I had always wanted to go to a rodeo, but like so many dreams, the romance didn't last. Men falling off horses soon ceases to entertain, and cowboy hats and appalling music are only funny if you have another cynic to exchange cracks with. So it wasn't that late when I took the dark dirt track home, and I wasn't that drunk, but I was being silly and I did deserve to fall over. I slept easily enough at home, but soon awoke in agony, unable to find a position which afforded relief to my left arm, which had broken my fall and perhaps some bones. Delirious with pain and endorphins, I hallucinated horses until the morning, when a friend took me to hospital.
I always expect to see zombies in hospitals, but apart from some loud retching and a Down's syndrome girl smiling broadly at me from beneath her severe head wound, there was nothing to take my mind off my poor arm. The radiologist and the doctor diagnosed a fracture and put me in an ambulance across town. I had to interrupt the driver from his natter with a nurse by beeping his horn and saying "oi, let's go, my arm is broken!", but eventually we arrived at Sao Benedito hospital, where the orthopaedist told me it didn't look broken. He was clearly brighter than the other two, and we disagreed good-naturedly about alternative medicine as he set the cast as well as any medieval bone-setter might. He gave me a prescription, insisting that I take it, and told me, for the love of god, not to take arnica, because it causes horrendous internal burns.
He is right, of course. Arnica is highly toxic, as are the sources of many homoeopathic medicines, but homoeopathy is a distinct discipline with its own principles and practices, much ridiculed by mainstream medics. He also commented that its effect was unproven. I don't know about homeopathic preparations of arnica, but plenty of studies attest the action of homoeopathic remedies. Plenty show no effect as well, but that does not disprove homoeopathy. Science doesn't work like that. A negative result doesn't falsify homoeopathy, it means that the test does not support the hypothesis that a certain medicine has a certain effect, which is quite different - many allopathic trials do not support their hypotheses.
Meta-analysis adds up the results of many trials, but it only takes into account experiments done and published. When the paradigm is alternative, research is discouraged and obstructed by the larger labs, and publishing in the medical press is subject to a great deal of censorship.

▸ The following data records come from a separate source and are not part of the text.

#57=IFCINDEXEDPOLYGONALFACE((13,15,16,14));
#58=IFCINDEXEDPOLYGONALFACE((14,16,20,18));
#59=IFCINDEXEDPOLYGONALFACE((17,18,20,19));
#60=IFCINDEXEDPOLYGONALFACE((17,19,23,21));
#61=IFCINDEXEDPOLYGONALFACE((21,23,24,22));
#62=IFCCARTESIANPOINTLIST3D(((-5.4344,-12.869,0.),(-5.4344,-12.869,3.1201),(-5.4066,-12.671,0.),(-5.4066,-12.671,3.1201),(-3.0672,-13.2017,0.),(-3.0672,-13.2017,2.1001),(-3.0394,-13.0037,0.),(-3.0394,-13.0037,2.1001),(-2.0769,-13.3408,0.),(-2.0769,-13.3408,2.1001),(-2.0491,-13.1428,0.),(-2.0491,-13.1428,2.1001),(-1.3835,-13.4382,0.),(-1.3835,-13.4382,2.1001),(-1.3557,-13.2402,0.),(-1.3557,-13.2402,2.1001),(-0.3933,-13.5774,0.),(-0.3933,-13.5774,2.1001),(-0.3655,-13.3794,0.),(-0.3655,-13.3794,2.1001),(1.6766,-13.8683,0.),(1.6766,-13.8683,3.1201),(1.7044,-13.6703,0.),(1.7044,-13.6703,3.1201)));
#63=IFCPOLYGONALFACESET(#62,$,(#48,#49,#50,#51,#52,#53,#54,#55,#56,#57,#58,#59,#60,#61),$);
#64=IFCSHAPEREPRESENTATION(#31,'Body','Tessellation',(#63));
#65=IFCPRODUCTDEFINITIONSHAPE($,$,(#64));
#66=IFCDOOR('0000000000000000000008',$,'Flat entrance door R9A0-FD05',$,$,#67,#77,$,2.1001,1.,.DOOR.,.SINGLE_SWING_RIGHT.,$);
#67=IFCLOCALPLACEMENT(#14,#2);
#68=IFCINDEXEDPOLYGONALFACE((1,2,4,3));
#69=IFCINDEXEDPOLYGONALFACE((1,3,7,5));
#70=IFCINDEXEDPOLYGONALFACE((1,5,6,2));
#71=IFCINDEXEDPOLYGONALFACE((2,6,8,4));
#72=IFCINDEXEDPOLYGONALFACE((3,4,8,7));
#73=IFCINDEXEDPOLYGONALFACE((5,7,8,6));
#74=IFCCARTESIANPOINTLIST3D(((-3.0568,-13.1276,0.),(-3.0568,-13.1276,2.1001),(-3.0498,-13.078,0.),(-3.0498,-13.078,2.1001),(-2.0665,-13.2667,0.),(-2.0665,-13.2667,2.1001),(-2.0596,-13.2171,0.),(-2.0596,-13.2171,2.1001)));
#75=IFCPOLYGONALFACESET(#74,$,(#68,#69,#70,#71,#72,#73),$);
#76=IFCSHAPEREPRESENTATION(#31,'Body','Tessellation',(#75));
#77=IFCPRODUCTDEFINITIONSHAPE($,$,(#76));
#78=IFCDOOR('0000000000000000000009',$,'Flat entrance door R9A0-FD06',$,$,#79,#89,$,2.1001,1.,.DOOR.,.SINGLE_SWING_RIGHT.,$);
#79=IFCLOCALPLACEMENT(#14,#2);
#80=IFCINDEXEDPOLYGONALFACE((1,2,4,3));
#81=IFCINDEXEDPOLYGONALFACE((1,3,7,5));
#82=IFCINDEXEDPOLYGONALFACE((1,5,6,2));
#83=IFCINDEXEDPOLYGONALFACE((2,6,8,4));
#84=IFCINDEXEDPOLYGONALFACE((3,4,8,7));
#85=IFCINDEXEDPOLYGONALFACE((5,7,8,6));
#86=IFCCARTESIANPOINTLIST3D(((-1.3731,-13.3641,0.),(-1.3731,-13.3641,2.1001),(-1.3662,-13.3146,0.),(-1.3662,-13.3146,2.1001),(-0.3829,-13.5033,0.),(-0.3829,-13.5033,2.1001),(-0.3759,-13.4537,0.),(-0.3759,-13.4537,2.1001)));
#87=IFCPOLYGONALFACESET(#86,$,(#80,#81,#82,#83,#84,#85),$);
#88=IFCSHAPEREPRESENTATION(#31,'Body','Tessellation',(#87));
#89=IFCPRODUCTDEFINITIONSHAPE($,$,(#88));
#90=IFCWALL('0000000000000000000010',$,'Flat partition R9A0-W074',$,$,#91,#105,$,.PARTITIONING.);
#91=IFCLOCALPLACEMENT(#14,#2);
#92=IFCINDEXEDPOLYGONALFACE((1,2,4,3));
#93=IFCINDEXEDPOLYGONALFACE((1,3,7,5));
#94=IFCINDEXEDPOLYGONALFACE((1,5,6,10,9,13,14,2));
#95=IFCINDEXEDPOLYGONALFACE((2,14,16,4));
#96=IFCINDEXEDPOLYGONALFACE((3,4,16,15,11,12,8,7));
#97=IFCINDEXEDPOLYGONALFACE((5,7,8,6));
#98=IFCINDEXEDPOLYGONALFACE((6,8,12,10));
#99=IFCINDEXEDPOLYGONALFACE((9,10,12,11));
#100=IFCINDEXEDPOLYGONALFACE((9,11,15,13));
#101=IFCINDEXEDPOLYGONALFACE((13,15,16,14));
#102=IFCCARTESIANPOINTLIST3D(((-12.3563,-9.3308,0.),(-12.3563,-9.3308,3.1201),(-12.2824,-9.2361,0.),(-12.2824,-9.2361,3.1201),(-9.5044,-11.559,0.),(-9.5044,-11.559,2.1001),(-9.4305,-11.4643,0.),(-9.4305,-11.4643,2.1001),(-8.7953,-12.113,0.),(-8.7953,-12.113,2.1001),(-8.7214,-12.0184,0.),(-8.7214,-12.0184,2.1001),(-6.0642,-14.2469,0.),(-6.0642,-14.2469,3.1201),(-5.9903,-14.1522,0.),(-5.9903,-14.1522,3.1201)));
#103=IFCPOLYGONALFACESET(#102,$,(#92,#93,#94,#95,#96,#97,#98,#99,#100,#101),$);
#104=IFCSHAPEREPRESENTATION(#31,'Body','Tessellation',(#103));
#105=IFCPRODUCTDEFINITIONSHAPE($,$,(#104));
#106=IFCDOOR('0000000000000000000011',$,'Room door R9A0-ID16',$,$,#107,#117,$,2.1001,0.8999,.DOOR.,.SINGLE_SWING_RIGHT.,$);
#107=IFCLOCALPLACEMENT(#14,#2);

Michel Schiff reports that during a controversy over the results of a high profile experiment supporting homeopathy, 21 replications from various labs were rejected, and the relevant journal reported only one failed replication. (
Read more here)
The burns are a tragic example of what happens when paradigms are inexpertly surfed. Justifiably suspicious of pharmaceuticals, people are looking towards alternatives, but ingesting a homeopathic source plant as if it was a herbal medicine is thoroughly confused, and potentially fatal. These burns prove nothing more than that a little knowledge can be dangerous, and that we should be careful when our health is at stake. The many YouTube videos attacking homoeopathy with the assumptions of allopathy are doing the same thing, jumbling up paradigms, whether it is James Randi complaining that there are no molecules left in homoeopathic dilutions, as any homoeopath readily admits, or teenagers munching entire pots of homeopathic pills and saying "look, nothing happened!"
I skilfully rode a bus to the rodeo, but I did not mount a furious horse and press a few coins into its hoof. That would be the wrong practice, like drinking arnica juice as if it was nettle tea, and I would deserve any injuries sustained. Swallowing herbs as if they were allopathic pills can also be as dangerous, because the question of dosage is complex and the effects tend to take longer, but basically because you need to work with the plant, getting to know it and coming to respect it as you do so.
I did laugh at the rodeo, from my lonely cynical tower, but not for long because I had better things to do, like monkeying about until i hurt myself. The cowboys had a great time, and I had a good time too, on my own adventure. I got an inside look at Brazilian hospitals, I hung out with nurses and was driven around in an ambulance, all the while giggling and light-headed from my hi-grade endogenous opiate trip. Refusing pain-killers made me feel far more manly than angry horse antics could have done, and asking the homoeopath for exactly what the doctor had forbidden made me feel pretty hardcore too. People enjoy different things.
Paradigms, like pleasures, are a matter of taste, not truth, but make sure you know what you are doing before riding someone else's horse.